A comparison of the three methods, as presented in Table 2, shows that under conventional ABS control, the MFDD is limited to −7.46 $\mathrm{m}/{\mathrm{s}}^2$ due to frequent braking force loss. After introducing the ABIFR strategy, MFDD improves to −8.38 $\mathrm{m}/{\mathrm{s}}^2$. With the additional integration of the MP-LC method, MFDD further increases to −8.61 $\mathrm{m}/{\mathrm{s}}^2$, representing a 15.4% improvement over standard ABS. Moreover, the RMSE is reduced, indicating diminished fluctuation in deceleration and enhanced braking stability.
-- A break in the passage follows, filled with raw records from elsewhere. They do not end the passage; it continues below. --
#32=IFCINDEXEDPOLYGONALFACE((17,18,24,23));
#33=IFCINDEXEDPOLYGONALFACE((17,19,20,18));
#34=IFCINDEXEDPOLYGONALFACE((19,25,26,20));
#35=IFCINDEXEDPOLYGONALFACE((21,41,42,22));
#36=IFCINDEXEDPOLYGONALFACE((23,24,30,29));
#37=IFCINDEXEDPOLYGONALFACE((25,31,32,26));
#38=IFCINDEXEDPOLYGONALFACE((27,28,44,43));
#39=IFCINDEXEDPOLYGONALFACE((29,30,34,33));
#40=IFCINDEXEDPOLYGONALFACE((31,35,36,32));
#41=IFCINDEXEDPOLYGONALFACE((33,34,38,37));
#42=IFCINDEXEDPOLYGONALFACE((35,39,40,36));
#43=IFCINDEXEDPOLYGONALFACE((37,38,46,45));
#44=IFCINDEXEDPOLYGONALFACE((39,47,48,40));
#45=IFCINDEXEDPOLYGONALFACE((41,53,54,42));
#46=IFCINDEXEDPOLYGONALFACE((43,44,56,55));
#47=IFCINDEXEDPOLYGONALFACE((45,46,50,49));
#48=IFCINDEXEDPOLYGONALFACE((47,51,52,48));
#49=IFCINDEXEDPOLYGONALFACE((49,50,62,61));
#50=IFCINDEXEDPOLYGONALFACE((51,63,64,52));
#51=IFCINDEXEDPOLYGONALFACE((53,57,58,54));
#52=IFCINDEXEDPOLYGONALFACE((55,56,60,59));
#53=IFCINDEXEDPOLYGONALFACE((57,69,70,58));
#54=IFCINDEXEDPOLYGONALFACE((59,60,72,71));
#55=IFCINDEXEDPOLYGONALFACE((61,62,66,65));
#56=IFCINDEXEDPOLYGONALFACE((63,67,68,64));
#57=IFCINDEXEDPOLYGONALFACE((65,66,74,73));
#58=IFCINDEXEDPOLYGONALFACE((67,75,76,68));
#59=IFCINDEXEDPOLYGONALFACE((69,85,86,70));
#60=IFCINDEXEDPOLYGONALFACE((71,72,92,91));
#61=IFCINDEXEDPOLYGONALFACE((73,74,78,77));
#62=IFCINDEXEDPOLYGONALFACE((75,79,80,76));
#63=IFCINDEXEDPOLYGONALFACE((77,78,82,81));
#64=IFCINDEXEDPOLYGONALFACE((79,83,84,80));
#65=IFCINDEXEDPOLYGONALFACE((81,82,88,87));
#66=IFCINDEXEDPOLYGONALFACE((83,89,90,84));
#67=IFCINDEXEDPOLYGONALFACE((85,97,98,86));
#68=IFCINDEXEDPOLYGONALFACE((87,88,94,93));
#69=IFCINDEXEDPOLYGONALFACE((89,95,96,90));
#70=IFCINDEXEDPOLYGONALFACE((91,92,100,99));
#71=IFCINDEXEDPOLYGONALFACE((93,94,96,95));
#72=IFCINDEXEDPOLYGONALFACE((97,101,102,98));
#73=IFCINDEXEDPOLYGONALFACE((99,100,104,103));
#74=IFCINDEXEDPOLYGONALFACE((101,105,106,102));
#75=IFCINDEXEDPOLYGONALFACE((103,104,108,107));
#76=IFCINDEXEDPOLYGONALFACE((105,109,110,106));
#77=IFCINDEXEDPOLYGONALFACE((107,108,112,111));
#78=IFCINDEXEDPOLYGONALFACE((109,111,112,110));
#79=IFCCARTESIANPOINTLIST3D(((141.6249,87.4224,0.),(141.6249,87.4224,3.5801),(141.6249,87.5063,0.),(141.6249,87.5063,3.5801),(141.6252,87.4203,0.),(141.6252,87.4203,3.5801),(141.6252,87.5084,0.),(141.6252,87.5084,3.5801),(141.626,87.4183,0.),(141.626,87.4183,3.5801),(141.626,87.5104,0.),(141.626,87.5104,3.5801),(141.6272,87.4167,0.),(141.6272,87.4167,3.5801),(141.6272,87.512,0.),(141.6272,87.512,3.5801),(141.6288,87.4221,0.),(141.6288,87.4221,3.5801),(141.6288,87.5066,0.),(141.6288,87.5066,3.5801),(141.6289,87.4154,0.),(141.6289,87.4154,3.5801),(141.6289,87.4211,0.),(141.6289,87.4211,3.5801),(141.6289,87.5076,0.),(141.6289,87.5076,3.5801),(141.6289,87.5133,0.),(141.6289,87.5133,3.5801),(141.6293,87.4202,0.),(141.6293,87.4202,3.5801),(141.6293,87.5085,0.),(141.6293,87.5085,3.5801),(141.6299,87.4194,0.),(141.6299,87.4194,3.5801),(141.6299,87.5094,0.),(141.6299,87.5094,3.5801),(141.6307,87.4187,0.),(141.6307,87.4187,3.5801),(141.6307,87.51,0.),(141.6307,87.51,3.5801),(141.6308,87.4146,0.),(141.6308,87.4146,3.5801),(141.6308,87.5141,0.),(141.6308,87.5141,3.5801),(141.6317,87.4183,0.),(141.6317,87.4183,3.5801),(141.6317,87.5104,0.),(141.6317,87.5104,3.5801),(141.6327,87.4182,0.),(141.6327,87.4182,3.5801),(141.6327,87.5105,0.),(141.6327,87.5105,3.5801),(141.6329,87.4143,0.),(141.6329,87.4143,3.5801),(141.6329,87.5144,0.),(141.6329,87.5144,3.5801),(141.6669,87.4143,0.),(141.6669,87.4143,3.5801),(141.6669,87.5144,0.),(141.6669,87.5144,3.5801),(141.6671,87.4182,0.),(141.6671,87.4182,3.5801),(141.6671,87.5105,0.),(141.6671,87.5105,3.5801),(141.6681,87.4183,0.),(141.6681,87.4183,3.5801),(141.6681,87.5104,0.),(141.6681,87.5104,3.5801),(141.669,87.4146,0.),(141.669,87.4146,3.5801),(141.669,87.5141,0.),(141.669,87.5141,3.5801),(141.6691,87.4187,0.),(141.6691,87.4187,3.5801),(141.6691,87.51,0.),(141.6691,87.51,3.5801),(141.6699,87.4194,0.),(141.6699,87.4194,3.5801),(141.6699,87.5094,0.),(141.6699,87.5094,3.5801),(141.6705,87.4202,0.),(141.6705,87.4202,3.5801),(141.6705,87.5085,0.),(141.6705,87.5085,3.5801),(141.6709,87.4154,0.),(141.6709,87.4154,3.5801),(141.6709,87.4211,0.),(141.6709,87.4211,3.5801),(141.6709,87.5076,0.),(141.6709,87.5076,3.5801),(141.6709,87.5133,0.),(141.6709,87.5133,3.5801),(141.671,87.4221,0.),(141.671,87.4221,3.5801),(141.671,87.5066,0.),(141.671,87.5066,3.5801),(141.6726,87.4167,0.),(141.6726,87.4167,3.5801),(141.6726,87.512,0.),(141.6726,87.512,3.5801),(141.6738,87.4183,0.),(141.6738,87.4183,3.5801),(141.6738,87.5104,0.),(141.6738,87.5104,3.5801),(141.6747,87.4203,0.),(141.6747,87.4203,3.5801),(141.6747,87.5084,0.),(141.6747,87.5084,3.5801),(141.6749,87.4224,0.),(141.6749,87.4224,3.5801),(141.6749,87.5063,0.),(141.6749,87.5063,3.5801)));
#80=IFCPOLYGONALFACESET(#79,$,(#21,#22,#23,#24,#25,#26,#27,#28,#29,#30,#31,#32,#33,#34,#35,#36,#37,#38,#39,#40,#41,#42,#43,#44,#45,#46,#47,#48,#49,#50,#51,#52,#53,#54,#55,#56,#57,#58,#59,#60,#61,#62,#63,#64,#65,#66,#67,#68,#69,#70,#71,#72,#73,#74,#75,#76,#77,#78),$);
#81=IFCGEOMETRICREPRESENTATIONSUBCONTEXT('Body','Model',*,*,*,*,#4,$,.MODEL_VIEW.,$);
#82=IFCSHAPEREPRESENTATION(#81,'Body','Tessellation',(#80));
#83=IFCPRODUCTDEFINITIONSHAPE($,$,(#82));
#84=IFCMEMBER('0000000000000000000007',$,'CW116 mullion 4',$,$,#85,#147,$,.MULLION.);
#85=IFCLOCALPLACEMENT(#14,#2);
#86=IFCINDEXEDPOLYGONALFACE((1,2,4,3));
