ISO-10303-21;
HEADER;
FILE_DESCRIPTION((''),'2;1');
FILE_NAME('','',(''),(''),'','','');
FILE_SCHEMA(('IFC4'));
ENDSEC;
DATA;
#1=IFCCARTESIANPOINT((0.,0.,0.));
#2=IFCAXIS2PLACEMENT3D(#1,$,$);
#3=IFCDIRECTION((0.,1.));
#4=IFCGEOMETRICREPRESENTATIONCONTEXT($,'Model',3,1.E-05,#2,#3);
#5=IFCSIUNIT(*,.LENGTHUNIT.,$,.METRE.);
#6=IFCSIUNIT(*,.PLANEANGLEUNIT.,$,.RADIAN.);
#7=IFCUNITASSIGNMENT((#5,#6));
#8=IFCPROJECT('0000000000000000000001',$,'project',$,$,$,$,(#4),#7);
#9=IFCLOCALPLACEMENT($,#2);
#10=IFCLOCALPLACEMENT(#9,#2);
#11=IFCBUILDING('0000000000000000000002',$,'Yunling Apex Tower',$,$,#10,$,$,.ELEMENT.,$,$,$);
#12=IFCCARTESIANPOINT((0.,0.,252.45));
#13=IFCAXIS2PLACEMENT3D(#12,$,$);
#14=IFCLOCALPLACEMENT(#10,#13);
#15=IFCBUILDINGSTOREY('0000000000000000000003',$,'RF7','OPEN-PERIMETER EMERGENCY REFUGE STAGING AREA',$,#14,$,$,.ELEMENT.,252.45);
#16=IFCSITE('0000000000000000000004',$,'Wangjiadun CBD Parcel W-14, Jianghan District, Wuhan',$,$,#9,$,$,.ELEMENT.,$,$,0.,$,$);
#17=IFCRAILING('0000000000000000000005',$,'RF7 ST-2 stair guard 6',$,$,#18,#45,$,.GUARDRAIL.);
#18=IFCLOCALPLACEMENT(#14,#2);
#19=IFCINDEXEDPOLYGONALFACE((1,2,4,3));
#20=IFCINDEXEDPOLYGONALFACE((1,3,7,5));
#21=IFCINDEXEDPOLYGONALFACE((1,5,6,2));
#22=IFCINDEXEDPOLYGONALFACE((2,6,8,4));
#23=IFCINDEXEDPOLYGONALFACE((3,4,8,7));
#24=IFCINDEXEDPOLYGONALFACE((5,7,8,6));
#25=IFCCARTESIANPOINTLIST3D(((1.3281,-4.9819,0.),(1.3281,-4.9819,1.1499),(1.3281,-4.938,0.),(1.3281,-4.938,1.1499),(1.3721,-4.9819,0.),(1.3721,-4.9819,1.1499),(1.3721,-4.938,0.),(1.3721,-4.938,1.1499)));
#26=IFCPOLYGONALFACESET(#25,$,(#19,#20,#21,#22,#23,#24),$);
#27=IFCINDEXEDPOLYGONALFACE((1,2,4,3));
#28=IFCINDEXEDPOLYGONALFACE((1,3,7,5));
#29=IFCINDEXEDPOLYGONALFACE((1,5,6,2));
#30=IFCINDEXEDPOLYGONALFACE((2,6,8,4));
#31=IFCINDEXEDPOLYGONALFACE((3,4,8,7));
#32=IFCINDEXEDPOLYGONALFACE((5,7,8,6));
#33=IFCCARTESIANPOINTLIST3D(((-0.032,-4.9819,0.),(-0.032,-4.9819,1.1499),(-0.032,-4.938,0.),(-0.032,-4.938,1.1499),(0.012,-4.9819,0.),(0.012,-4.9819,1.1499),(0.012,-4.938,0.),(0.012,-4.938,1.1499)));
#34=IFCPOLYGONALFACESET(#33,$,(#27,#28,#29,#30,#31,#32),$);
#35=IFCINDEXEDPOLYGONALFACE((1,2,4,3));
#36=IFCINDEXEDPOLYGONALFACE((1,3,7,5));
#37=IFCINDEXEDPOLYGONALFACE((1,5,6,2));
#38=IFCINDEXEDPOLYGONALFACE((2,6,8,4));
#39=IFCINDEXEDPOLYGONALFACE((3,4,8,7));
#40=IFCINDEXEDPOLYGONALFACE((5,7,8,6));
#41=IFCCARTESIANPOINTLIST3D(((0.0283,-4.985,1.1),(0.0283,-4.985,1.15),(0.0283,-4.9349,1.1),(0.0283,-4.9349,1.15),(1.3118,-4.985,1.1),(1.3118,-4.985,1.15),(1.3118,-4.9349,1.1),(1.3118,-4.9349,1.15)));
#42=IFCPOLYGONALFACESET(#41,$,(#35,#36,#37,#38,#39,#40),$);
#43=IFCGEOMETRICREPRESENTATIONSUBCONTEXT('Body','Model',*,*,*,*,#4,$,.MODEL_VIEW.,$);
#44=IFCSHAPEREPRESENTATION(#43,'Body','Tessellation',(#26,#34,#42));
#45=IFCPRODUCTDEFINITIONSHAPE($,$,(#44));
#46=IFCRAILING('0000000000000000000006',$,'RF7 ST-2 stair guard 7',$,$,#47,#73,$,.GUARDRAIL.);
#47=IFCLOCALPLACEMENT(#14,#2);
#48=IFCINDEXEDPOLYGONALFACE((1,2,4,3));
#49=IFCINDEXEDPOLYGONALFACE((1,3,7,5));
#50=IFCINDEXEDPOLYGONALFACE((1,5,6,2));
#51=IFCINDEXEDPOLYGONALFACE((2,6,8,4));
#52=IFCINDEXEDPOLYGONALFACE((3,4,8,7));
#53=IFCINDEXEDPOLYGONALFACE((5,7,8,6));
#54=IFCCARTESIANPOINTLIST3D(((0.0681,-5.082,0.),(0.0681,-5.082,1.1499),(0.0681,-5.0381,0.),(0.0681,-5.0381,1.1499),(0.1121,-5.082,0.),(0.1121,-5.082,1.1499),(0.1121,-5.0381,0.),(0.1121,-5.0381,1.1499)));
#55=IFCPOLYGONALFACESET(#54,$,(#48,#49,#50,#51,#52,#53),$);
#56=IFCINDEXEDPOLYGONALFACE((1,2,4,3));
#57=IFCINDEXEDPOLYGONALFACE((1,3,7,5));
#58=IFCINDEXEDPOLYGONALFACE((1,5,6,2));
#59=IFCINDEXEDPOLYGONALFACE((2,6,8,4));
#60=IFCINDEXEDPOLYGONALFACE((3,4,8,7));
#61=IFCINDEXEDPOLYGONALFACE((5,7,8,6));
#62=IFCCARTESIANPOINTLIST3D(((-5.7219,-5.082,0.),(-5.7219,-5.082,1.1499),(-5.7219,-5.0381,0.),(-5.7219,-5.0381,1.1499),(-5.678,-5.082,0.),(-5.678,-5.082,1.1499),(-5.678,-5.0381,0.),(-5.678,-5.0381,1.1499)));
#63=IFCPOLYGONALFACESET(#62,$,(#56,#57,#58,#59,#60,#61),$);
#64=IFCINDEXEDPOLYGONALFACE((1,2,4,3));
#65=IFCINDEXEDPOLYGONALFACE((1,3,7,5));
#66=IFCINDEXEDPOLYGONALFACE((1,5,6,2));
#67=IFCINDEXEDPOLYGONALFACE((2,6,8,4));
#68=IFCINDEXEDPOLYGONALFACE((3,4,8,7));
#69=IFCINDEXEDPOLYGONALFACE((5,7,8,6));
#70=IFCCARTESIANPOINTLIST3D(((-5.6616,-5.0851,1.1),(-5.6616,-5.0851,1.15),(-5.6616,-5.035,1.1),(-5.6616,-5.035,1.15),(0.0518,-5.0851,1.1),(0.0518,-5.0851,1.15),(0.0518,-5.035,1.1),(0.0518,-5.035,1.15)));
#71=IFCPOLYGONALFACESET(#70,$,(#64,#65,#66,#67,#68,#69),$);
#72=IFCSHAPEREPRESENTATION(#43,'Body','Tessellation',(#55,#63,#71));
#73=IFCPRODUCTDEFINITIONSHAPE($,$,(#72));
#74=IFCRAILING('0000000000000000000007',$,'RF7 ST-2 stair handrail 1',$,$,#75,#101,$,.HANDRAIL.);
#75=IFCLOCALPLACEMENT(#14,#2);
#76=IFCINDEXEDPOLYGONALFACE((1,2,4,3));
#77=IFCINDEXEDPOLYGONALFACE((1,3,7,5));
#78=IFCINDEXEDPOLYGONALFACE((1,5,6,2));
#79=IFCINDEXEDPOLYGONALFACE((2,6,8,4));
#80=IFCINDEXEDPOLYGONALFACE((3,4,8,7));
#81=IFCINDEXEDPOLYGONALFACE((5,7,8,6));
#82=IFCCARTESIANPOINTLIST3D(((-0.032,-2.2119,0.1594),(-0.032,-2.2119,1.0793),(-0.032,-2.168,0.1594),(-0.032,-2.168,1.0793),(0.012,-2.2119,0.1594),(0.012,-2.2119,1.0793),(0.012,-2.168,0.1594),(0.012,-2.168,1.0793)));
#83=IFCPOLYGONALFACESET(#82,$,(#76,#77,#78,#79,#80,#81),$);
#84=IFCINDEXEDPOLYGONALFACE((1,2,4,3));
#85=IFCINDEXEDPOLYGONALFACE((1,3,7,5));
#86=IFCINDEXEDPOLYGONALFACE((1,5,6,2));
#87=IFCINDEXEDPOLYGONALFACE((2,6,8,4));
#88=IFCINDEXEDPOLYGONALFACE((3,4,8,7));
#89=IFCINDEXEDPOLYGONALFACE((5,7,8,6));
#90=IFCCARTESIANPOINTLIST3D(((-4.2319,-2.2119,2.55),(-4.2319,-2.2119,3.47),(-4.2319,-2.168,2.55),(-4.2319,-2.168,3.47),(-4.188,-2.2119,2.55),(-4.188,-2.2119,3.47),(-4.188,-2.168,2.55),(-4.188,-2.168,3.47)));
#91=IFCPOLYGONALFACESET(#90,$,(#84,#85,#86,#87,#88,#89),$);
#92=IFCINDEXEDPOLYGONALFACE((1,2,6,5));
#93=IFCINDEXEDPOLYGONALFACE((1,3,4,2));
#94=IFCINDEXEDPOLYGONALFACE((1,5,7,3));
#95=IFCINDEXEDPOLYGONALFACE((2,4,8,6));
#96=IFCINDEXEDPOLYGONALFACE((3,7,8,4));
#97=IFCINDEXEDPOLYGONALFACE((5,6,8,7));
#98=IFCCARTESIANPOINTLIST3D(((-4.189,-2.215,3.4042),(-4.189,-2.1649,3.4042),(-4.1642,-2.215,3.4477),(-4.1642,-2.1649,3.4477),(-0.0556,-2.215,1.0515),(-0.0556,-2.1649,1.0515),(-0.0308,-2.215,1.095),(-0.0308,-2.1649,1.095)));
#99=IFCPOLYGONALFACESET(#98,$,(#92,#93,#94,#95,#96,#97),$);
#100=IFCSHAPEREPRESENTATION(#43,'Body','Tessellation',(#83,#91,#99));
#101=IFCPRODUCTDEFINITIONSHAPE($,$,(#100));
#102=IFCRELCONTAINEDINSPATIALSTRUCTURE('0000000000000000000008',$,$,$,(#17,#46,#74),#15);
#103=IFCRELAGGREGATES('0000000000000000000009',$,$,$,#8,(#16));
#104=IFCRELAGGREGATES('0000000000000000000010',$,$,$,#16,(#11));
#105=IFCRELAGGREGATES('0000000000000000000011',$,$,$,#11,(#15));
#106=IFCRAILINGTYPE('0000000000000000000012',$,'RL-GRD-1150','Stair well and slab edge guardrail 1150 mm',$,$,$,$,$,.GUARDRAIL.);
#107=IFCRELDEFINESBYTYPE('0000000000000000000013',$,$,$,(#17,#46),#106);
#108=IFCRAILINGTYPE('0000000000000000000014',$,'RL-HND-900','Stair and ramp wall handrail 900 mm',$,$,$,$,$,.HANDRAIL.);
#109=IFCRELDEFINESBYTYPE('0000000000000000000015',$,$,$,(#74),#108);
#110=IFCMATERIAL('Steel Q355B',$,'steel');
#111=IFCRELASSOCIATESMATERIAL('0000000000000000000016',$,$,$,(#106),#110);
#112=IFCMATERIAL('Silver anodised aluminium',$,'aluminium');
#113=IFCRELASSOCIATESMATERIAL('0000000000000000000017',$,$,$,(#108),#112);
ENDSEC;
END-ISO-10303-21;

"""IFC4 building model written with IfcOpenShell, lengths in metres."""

from ifc_helpers import new_model, si_unit, direction, frame, origin, origin_2d, place, context, subcontext, project, spatial, rectangle, extrude, material, type_object, element, save


model = new_model("IFC4")

# Units and contexts
model_context = context("Model", 3, precision=1e-05, world=origin(), true_north=direction((0.0, 1.0)))
body_context = subcontext(model_context, "Body", "Model", "MODEL_VIEW")
ifc_project = project(units=[si_unit("LENGTHUNIT", "METRE"), si_unit("PLANEANGLEUNIT", "RADIAN")], contexts=[model_context])

# Site, building, storey
site_placement = place(None, origin())
site = spatial("IfcSite", under=ifc_project, at=site_placement, Name="Wangjiadun CBD Parcel W-14, Jianghan District, Wuhan", CompositionType="ELEMENT", RefElevation=0.0)
building_placement = place(site_placement, origin())
building = spatial("IfcBuilding", under=site, at=building_placement, Name="Yunling Apex Tower", CompositionType="ELEMENT")
storey_placement = place(building_placement, frame((0.0, 0.0, 252.45)))
storey = spatial("IfcBuildingStorey", under=building, at=storey_placement, Name="RF7", Description="OPEN-PERIMETER EMERGENCY REFUGE STAGING AREA", CompositionType="ELEMENT", Elevation=252.45)

# Shared definitions
ifc_material_1 = material(Name="Steel Q355B", Category="steel")

# Railings
railing_type_1 = type_object("IfcRailingType", Name="RL-GRD-1150", Description="Stair well and slab edge guardrail 1150 mm", PredefinedType="GUARDRAIL", material=ifc_material_1)
railing_1_placement = place(storey_placement, frame((1.3501, -4.96, 0.0)))
element("IfcRailing", 1, at=railing_1_placement, inside=storey, type_object=railing_type_1, Name="RF7 ST-2 stair guard 6", PredefinedType="GUARDRAIL", context=body_context, shape_type="SweptSolid", body=[
    extrude(rectangle(XDim=0.0439, YDim=0.0439, at=origin_2d()), origin(), (0.0, 0.0, 1.0), 1.1499),
    extrude(rectangle(XDim=0.0439, YDim=0.0439, at=origin_2d()), frame((-1.3601, 0.0, 0.0)), (0.0, 0.0, 1.0), 1.1499),
    extrude(rectangle(XDim=0.05, YDim=0.05, at=origin_2d()), frame((-0.0383, 0.0, 1.125), z_axis=(-1.0, 0.0, 0.0), x_axis=(0.0, -1.0, 0.0)), (0.0, 0.0, 1.0), 1.2834),
])
railing_2_placement = place(storey_placement, frame((0.0901, -5.0601, 0.0)))
element("IfcRailing", 2, at=railing_2_placement, inside=storey, type_object=railing_type_1, Name="RF7 ST-2 stair guard 7", PredefinedType="GUARDRAIL", context=body_context, shape_type="SweptSolid", body=[
    extrude(rectangle(XDim=0.0439, YDim=0.0439, at=origin_2d()), origin(), (0.0, 0.0, 1.0), 1.1499),
    extrude(rectangle(XDim=0.0439, YDim=0.0439, at=origin_2d()), frame((-5.79, 0.0, 0.0)), (0.0, 0.0, 1.0), 1.1499),
    extrude(rectangle(XDim=0.05, YDim=0.05, at=origin_2d()), frame((-0.0383, 0.0, 1.125), z_axis=(-1.0, 0.0, 0.0), x_axis=(0.0, -1.0, 0.0)), (0.0, 0.0, 1.0), 5.7134),
])
ifc_material_2 = material(Name="Silver anodised aluminium", Category="aluminium")
railing_type_2 = type_object("IfcRailingType", Name="RL-HND-900", Description="Stair and ramp wall handrail 900 mm", PredefinedType="HANDRAIL", material=ifc_material_2)
railing_3_placement = place(storey_placement, frame((-0.01, -2.1899, 0.1594)))
element("IfcRailing", 3, at=railing_3_placement, inside=storey, type_object=railing_type_2, Name="RF7 ST-2 stair handrail 1", PredefinedType="HANDRAIL", context=body_context, shape_type="SweptSolid", body=[
    extrude(rectangle(XDim=0.0439, YDim=0.0439, at=origin_2d()), origin(), (0.0, 0.0, 1.0), 0.9199),
    extrude(rectangle(XDim=0.0439, YDim=0.0439, at=origin_2d()), frame((-4.2, 0.0, 2.3906)), (0.0, 0.0, 1.0), 0.9199),
    extrude(rectangle(XDim=0.05, YDim=0.05, at=origin_2d()), frame((-0.0332, 0.0, 0.9138), z_axis=(-0.869075, 0.0, 0.49468), x_axis=(0.0, -1.0, 0.0)), (0.0, 0.0, 1.0), 4.7561),
])

save(model, "model.ifc")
In practical applications, the control performance and braking distance can be further improved through calibration procedures and the application of correction coefficients.

6. Conclusions

This study investigates the high-frequency wheel vibration phenomenon observed in DDEV, particularly under ABS operation on low-adhesion surfaces. A single-wheel dynamic model incorporating vehicle body mass, wheel mass, suspension, tire stiffness, and damping is established. Modal and frequency domain analyses reveal that the root cause of wheel speed oscillation is circumferential resonance induced by the elastic coupling between the motor and tire, rather than vertical vibrations. Simulation results indicate that tire resonance typically occurs in the 12–13 Hz range, which aligns well with experimental observations. To address this issue, an ABIFR strategy and an MP-LC scheme are proposed. These methods aim to maintain optimal slip ratios and suppress unnecessary torque reductions, thereby enhancing braking smoothness and overall performance. Experimental validation demonstrates that the proposed methods improve the MFDD by 14.8% and 15.2% under low- and high-adhesion conditions, respectively, while effectively eliminating the 12–13 Hz high-frequency oscillations. Moreover, the ABS control period is restored to a normal 300 ms, improving overall driving comfort.

Future work will focus on integrating real-time sensor data with model-based predictive control, adapting the approach to different tire and motor configurations, and conducting extensive testing across diverse road and environmental conditions to enhance robustness.